A full visual identity redesign for a French-inspired luxury fashion brand — from brand system to digital experience to experiential concept.
Mirror Palais is a French-inspired luxury fashion brand with a strong romantic sensibility — draped silhouettes, feminine detail, and an editorial point of view that references Old Hollywood glamour. The existing brand, while evocative, lacked the visual cohesion and digital sophistication to compete at the level its product quality deserved.
This project was a comprehensive branding redesign: a full identity overhaul that preserved what made Mirror Palais distinctive — the femininity, the theatricality, the sense of private luxury — while elevating it into a brand system that could scale across digital products, marketing campaigns, and in-person experiences.
The work encompassed a new visual direction, a refined typography and color system, a UI/UX redesign for the brand's digital presence, and a luxury event concept designed to deepen brand affinity and drive organic social reach.
The moodboard anchored the redesign in a specific emotional register: low candlelight, velvet textures, deep crimson interiors, and the charged atmosphere of a private Parisian supper club.

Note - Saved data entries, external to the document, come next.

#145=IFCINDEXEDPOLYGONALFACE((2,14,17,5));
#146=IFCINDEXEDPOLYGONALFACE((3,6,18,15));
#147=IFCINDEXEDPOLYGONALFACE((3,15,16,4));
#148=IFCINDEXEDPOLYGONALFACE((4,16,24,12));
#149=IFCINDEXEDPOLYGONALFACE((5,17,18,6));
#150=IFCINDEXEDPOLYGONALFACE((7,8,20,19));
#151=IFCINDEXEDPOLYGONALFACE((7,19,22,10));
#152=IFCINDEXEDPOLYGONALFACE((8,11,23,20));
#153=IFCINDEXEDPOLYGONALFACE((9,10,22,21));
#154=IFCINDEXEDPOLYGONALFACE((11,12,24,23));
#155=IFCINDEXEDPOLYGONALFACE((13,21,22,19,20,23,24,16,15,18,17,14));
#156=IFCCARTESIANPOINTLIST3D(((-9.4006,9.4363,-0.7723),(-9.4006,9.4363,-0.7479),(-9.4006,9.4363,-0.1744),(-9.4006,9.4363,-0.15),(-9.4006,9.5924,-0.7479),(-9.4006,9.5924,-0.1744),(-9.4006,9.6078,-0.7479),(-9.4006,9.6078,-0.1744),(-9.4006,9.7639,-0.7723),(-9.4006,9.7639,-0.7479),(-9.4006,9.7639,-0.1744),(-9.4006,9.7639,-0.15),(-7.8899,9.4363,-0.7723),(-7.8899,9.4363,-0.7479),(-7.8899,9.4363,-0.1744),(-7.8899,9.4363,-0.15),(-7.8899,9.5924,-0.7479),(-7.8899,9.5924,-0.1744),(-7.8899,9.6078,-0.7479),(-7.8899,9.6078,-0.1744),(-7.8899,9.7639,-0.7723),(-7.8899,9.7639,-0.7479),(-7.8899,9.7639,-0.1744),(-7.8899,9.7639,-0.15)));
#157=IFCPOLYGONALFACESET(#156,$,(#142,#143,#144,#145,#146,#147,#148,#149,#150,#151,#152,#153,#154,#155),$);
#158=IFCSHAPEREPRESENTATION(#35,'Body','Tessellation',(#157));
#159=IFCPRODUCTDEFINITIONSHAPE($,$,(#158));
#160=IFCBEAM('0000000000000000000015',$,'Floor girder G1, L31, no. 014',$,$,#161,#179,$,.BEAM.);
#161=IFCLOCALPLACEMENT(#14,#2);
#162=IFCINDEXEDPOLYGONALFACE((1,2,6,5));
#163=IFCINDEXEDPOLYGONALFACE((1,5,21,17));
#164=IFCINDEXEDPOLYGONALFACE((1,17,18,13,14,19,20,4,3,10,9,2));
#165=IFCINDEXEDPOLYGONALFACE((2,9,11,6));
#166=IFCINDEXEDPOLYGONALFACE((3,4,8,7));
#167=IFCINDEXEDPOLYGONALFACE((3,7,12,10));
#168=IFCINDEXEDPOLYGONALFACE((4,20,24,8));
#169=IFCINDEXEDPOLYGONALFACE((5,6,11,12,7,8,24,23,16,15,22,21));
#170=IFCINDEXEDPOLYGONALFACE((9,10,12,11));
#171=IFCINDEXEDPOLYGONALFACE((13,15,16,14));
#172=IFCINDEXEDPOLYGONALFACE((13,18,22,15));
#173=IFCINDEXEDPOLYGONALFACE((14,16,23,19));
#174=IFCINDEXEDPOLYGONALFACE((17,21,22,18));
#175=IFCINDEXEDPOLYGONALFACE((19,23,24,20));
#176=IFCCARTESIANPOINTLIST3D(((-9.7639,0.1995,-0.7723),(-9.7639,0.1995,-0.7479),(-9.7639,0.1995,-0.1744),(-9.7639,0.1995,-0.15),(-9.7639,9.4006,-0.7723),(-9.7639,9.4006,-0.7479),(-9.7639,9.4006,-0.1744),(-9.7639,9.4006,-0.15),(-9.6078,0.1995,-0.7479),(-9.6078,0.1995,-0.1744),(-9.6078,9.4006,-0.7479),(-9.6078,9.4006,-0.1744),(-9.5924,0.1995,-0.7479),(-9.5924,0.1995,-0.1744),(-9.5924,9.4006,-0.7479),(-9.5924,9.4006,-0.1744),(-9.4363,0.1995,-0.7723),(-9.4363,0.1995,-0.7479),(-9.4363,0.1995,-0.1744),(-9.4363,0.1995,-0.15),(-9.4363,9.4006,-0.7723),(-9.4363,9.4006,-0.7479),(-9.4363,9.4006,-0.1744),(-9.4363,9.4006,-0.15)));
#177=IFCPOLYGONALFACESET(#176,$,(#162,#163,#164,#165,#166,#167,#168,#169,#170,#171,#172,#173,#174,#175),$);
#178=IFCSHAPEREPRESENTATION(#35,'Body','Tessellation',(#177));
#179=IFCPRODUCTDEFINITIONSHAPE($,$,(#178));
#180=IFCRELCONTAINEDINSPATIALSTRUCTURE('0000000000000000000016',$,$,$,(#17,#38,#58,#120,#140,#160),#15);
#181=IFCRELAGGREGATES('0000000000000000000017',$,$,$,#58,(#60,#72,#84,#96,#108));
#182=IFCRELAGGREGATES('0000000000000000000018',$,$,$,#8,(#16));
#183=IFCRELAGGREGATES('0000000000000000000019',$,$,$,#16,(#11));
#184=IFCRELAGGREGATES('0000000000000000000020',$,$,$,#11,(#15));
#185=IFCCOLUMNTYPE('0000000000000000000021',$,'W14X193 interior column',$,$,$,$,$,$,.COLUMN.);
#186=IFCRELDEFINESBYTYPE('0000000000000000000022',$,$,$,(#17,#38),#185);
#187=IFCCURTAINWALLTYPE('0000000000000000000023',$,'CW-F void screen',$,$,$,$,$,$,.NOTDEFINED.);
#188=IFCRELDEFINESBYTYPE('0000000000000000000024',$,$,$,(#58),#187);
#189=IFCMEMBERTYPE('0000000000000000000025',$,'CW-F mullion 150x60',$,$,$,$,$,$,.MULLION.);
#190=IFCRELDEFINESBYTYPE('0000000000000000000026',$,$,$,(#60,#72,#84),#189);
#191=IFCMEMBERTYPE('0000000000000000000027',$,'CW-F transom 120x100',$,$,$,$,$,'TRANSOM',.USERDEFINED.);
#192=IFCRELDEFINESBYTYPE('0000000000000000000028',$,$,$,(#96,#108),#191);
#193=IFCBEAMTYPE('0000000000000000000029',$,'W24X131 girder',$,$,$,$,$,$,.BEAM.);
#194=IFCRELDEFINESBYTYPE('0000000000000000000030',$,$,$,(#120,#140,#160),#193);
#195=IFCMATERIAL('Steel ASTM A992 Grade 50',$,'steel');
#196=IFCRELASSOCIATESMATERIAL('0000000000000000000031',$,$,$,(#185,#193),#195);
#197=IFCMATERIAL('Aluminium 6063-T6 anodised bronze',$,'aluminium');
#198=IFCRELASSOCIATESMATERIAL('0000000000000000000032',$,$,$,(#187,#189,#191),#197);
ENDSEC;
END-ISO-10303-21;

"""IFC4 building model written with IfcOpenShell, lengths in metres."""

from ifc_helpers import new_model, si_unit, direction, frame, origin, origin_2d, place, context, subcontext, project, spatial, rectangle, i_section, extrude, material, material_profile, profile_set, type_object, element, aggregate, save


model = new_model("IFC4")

Every reference was chosen to define the temperature and weight of the new brand.
The visual research identified three dominant tonal references: the warm amber of candlelit private dining rooms, the saturated crimson of velvet upholstery and neon signage, and the cool blue of evening balcony light — three moods that the brand could move between depending on context and product category. These references were translated directly into the color system developed in the next phase.

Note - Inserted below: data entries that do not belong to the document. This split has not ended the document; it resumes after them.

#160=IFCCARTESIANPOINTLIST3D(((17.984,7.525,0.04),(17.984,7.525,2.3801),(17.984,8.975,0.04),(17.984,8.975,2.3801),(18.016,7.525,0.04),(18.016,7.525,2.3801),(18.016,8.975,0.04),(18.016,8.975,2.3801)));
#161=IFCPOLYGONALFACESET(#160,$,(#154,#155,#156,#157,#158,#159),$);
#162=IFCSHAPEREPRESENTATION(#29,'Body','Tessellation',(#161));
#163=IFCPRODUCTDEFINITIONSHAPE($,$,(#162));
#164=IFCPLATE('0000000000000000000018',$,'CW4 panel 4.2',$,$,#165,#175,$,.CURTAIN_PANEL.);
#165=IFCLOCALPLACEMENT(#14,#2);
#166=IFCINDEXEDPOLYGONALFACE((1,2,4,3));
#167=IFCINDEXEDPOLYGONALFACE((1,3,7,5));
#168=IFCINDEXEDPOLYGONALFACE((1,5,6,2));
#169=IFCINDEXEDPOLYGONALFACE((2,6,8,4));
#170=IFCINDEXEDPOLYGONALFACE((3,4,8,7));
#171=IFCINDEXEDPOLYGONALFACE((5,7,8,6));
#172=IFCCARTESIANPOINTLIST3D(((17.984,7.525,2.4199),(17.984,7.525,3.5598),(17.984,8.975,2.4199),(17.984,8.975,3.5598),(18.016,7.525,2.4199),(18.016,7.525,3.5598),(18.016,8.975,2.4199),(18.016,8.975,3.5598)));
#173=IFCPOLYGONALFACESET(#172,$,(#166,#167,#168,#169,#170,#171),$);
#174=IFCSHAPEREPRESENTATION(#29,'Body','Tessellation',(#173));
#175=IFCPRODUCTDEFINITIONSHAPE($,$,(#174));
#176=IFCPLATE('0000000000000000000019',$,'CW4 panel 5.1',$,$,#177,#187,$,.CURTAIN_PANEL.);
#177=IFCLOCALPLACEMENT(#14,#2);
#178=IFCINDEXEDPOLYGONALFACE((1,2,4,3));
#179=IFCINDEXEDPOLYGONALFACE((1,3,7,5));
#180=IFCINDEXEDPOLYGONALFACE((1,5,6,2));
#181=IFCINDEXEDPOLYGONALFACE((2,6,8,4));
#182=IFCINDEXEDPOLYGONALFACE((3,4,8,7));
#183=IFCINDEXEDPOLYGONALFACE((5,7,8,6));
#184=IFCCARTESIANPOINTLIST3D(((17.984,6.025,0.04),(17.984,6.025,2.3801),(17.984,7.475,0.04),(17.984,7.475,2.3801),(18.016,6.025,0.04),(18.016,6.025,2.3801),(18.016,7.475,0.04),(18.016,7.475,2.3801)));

The redesign established a complete visual language: a revised logo lockup, a signature monogram, decorative motifs, a refined type hierarchy, and a color system built from the moodboard's three tonal registers.
Logo, monogram, color system, typography, decorative motifs
Script logo lockup · "MP" monogram · Satin bow mark · Ornamental border system · Ivory card system for product labeling
The existing Mirror Palais website lacked clear category navigation, an intuitive product discovery flow, and the editorial visual weight the brand earned. The redesign addressed all three — through a new information architecture, elevated layout system, and a checkout experience that matched the brand's luxury positioning.

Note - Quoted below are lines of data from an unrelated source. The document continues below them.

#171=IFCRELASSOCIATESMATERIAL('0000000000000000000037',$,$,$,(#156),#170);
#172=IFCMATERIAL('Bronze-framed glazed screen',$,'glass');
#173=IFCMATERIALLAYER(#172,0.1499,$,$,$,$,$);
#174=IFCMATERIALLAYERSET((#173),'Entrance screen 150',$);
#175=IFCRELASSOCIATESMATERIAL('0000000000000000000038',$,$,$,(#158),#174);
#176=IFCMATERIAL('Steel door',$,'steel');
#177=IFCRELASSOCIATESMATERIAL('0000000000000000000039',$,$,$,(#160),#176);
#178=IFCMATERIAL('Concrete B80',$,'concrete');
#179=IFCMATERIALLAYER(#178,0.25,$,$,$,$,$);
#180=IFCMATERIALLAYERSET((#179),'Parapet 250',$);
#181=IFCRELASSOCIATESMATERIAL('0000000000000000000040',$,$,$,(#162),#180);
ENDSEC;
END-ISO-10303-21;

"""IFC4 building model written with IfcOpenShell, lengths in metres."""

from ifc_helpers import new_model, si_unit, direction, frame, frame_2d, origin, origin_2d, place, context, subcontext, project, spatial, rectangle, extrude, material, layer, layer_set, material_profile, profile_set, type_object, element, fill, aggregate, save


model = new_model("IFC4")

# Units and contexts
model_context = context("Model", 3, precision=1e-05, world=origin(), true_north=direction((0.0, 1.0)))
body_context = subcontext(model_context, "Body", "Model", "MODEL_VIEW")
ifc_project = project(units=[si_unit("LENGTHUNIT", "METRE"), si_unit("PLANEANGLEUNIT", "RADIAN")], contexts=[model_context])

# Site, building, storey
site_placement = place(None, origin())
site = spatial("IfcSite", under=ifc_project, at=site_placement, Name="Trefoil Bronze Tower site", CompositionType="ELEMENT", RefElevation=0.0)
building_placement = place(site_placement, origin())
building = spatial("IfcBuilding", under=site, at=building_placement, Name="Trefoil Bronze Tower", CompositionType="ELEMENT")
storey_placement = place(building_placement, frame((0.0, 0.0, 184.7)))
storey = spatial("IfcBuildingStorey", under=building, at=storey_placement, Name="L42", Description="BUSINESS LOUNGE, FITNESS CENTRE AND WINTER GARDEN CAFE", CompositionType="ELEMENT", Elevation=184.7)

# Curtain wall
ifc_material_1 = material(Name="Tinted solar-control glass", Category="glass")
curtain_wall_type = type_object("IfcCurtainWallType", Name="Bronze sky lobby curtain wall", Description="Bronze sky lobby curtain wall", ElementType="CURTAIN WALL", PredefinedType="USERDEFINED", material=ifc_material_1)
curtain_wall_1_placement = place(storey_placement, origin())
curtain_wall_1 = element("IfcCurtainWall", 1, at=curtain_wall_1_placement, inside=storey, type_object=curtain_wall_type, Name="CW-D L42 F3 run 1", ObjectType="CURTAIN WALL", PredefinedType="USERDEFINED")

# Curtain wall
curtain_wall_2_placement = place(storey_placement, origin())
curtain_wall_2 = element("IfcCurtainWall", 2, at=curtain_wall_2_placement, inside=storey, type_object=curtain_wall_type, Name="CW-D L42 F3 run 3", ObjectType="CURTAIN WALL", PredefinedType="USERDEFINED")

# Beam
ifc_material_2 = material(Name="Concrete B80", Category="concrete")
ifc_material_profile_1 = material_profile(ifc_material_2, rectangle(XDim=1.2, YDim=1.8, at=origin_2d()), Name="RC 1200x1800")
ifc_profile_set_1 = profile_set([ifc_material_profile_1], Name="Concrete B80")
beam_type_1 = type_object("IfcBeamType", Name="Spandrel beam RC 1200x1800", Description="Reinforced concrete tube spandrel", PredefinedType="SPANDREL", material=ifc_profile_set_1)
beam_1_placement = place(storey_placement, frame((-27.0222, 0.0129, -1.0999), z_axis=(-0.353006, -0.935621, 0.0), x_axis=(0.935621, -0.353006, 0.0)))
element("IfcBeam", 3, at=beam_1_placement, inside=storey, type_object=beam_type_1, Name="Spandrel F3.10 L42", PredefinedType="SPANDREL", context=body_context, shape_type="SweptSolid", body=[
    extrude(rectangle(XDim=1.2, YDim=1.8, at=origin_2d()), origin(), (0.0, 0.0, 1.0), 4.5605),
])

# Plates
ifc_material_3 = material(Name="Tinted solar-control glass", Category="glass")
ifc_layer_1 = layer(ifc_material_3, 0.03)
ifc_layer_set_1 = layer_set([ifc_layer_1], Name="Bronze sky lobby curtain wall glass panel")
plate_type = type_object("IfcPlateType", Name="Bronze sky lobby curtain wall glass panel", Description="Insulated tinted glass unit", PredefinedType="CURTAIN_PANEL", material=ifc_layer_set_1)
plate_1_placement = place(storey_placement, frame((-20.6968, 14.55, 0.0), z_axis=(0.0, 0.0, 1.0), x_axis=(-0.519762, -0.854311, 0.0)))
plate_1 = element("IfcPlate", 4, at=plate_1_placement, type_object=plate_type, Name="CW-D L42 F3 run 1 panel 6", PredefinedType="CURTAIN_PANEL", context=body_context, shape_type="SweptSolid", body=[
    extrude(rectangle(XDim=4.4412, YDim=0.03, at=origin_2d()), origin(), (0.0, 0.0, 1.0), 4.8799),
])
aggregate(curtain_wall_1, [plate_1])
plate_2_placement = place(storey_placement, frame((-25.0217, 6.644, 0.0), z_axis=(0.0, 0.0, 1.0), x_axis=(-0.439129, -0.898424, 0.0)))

A new sitemap reorganized the navigation around five primary categories — Bottoms, Dresses, Shop In-Person, Collections, Tops — each with defined subcategory logic. The hierarchy was designed to reduce decision fatigue while surfacing the brand's strongest product categories first.
The redesigned homepage uses a 3×2 editorial grid to lead with product category imagery rather than campaign photography, giving new visitors immediate access to product browsing while retaining the brand's visual richness through full-bleed imagery and selective typography.
Category pages use a clean grid with generous white space and large product photography. Item close-up pages prioritize image surface area and minimize visual noise around the "Add to Cart" action — a deliberate UX choice informed by luxury retail benchmarking.
The checkout pop-up was redesigned as an elegant slide-in panel — a cart summary that preserves context, reduces drop-off at the final conversion step, and maintains the editorial feeling of the brand through restrained typography and ivory-toned UI elements.
A brand is not only what it puts on a screen — it's what it makes people feel in a room. The event concept extended the Mirror Palais brand into physical space: a curated experiential activation designed to deepen brand loyalty, generate organic social content, and make the brand's aesthetic unmistakable in person.
Event invitations were designed to arrive as compact mirrors — each one handwritten with "You've been invited" in Mirror Palais' signature script. The object itself became the first brand touchpoint, transforming a logistical detail into a collectible moment.
A dedicated dress try-on station allowed guests to wear pieces from the current collection and photograph themselves in a branded mirror environment — designed to generate high-quality organic social content while giving guests a personal relationship with the product.
Satin bows — a key element of the redesigned brand mark — were distributed as take-home souvenirs. The gesture created an ongoing brand presence beyond the event, making the bow motif synonymous with Mirror Palais in the minds of guests and their social audiences.
All cocktails were served in woman-shaped glassware, a deliberate nod to Mirror Palais' celebration of the female form — transforming a functional detail into a brand statement that guests were compelled to photograph and share.
Every element of the event was designed as a content opportunity: the mirror station, the sculptural glassware, the bow accessories. The activation was structured to generate brand impressions that would outlast the event itself through attendee-created content.
The event concept was designed around a single strategic premise: the most effective luxury brand marketing doesn't announce itself — it surrounds people with the feeling of the brand until that feeling becomes a memory.
Logo system, monogram, decorative motifs, color palette, type hierarchy, usage guidelines
Sitemap, user flow, wireframes for homepage, category, product, and checkout pages
Campaign-ready visual components, editorial layout templates, brand photography direction
End-to-end luxury activation concept with invitation design, spatial experience, and content strategy
What this project reinforced is that brand redesign is as much archaeology as invention — the most important early work was identifying what Mirror Palais already was at its best, and designing a system around that essence rather than replacing it. The crimson, the femininity, the theatrical quality: those weren't problems to be solved. They were the foundation to build on. The redesign's job was to give those qualities sharper edges, clearer language, and a digital experience worthy of them.